The only known recipient of this medal was Nguyen Van Hang of the 1st Tonkinese Rifles Regiment for action against Chinese bandits on 4 July 1890. Nguyen Van Hang proved his bravery by entering first into a Chinese den at Hoang-chi near Tien-son and was recommended by the General Commander in Chief of the troops of Indochina.

It is currently not known how many people were awarded the medal. The numbers held in Huế and Hanoi have not been found and the few medals that appear in the collections of medal collectors probably come from the lots that were sent by the manufacturer to the Residents-Superior in Huế and Hanoi. Author R.D. Stiot speculates that perhaps the remainder of the medals which fell into the hands of collectors came from the Bacqueville house itself (which at the time of manufacture was called Lasne and prior to that the Halley house).

=== Abolition ===

The Medal of Merit for the Native Military and Civil Guards had only an ephemeral existence, since it was created on 21 July 1890, and was abolished on 1 May 1891, less than 10 months later, on instructions from metropolitan France.

It isn't known why exactly it was suppressed on instructions from the government of France. It is certain that the Governors-general of French Indochina did not have authority to create, on his own initiative, a decoration. It is also certain that there were many decorations to reward the Indochinese soldiers and civil guards. Annamese and Tonkinese soldiers and constabulary in service of France were able to receive various French medals such as the Médaille militaire and the Médaille Coloniale, the Military Cross of the Imperial Order of the Dragon of Annam, and the various types of Ngân Tiền and the Kim Tiền. After the abolition of the Military Medal of Annam it was primarily the Ngân Tiền and the Kim Tiền which were awarded to Annamese and Tonkinese soldiers and civil guards for their services.
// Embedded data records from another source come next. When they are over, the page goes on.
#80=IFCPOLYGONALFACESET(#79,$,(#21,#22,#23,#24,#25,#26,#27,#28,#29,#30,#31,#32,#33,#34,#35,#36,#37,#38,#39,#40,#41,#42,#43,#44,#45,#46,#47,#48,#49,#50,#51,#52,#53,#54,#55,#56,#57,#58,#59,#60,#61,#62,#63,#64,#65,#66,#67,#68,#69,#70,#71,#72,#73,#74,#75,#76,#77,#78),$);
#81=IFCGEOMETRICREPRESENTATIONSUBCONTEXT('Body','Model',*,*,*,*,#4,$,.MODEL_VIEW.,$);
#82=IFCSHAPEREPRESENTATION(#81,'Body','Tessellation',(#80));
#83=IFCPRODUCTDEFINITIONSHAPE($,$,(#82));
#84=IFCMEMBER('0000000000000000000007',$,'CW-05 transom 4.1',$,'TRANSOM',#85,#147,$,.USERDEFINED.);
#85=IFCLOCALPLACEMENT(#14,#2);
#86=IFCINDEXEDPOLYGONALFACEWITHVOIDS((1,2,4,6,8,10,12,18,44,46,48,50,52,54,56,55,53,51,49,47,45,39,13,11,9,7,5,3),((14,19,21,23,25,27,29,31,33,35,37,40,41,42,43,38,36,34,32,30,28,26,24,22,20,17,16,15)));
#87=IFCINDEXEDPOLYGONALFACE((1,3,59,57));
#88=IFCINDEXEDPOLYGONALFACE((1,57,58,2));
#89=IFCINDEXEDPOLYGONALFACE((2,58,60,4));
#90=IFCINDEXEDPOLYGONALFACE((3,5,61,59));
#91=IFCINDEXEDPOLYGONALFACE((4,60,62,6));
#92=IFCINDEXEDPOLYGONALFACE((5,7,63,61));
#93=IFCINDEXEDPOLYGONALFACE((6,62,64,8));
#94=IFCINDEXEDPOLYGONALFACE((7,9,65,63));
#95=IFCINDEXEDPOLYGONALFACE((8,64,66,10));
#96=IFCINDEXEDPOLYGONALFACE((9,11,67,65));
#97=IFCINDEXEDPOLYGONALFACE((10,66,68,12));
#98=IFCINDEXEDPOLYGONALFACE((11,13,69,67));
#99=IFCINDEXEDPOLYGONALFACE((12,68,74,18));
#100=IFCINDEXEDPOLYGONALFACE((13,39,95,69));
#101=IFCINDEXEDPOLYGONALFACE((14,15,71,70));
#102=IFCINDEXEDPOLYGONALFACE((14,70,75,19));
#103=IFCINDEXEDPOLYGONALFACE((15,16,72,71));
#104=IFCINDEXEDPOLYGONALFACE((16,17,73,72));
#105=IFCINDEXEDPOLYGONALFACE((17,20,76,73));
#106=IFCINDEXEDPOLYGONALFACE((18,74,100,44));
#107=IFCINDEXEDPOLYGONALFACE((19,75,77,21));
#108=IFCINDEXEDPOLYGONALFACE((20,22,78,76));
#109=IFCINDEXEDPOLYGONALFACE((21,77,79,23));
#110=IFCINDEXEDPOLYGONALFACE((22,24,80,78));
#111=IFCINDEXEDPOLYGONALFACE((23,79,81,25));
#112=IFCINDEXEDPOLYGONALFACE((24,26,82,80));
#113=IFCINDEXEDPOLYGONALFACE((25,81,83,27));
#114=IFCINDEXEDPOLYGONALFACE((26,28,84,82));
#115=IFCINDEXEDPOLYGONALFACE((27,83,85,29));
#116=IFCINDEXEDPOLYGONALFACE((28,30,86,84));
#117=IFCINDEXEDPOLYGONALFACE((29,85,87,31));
It wasn't until 15 June 1929, that another medal would be made by the Garde indigène of French Indochina to reward good services.

== Description ==

The Military Medal of Annam was a silver, partially gilded, round breast badge 30 millimeter in diameter with a suspension ribbon. The medal itself is held up by the image of a tiger with its teeth and claws touching the circular design and there being two Vietnamese swords (刀, Đao) above the tiger's head. Both the obverse and the revsrse of the medal feature a wreath of gilt oak leaves on its right right side and laurel leaves on its left.

Its obverse features a disk with the inscriptions "VALEUR ET DISCIPLINE" (Valour and discipline) and around "PROTECTORAT DE L'ANNAM ET DU TONKIN" (Protectorate of Annam and Tonkin). Its reverse side features the same design but with the Traditional Chinese characters "忠勇 才畧" (Trung dũng Tài lược) written top-to-bottom, right-to-left and "保護安南並北圻" (Bảo hộ An Nam tịnh Bắc Kỳ) written counterclockwise (right-to-left).

Its ribbon was usually 37 mm wide (according to James Peterson) or came in the two sizes of 28 mm and 35 mm (according to R.D. Stiot). The colour of the ribbon was watered blue, yellow, watered blue. In the yellow field it features two vertically written black traditional Chinese characters meaning Đồng Khánh (同慶).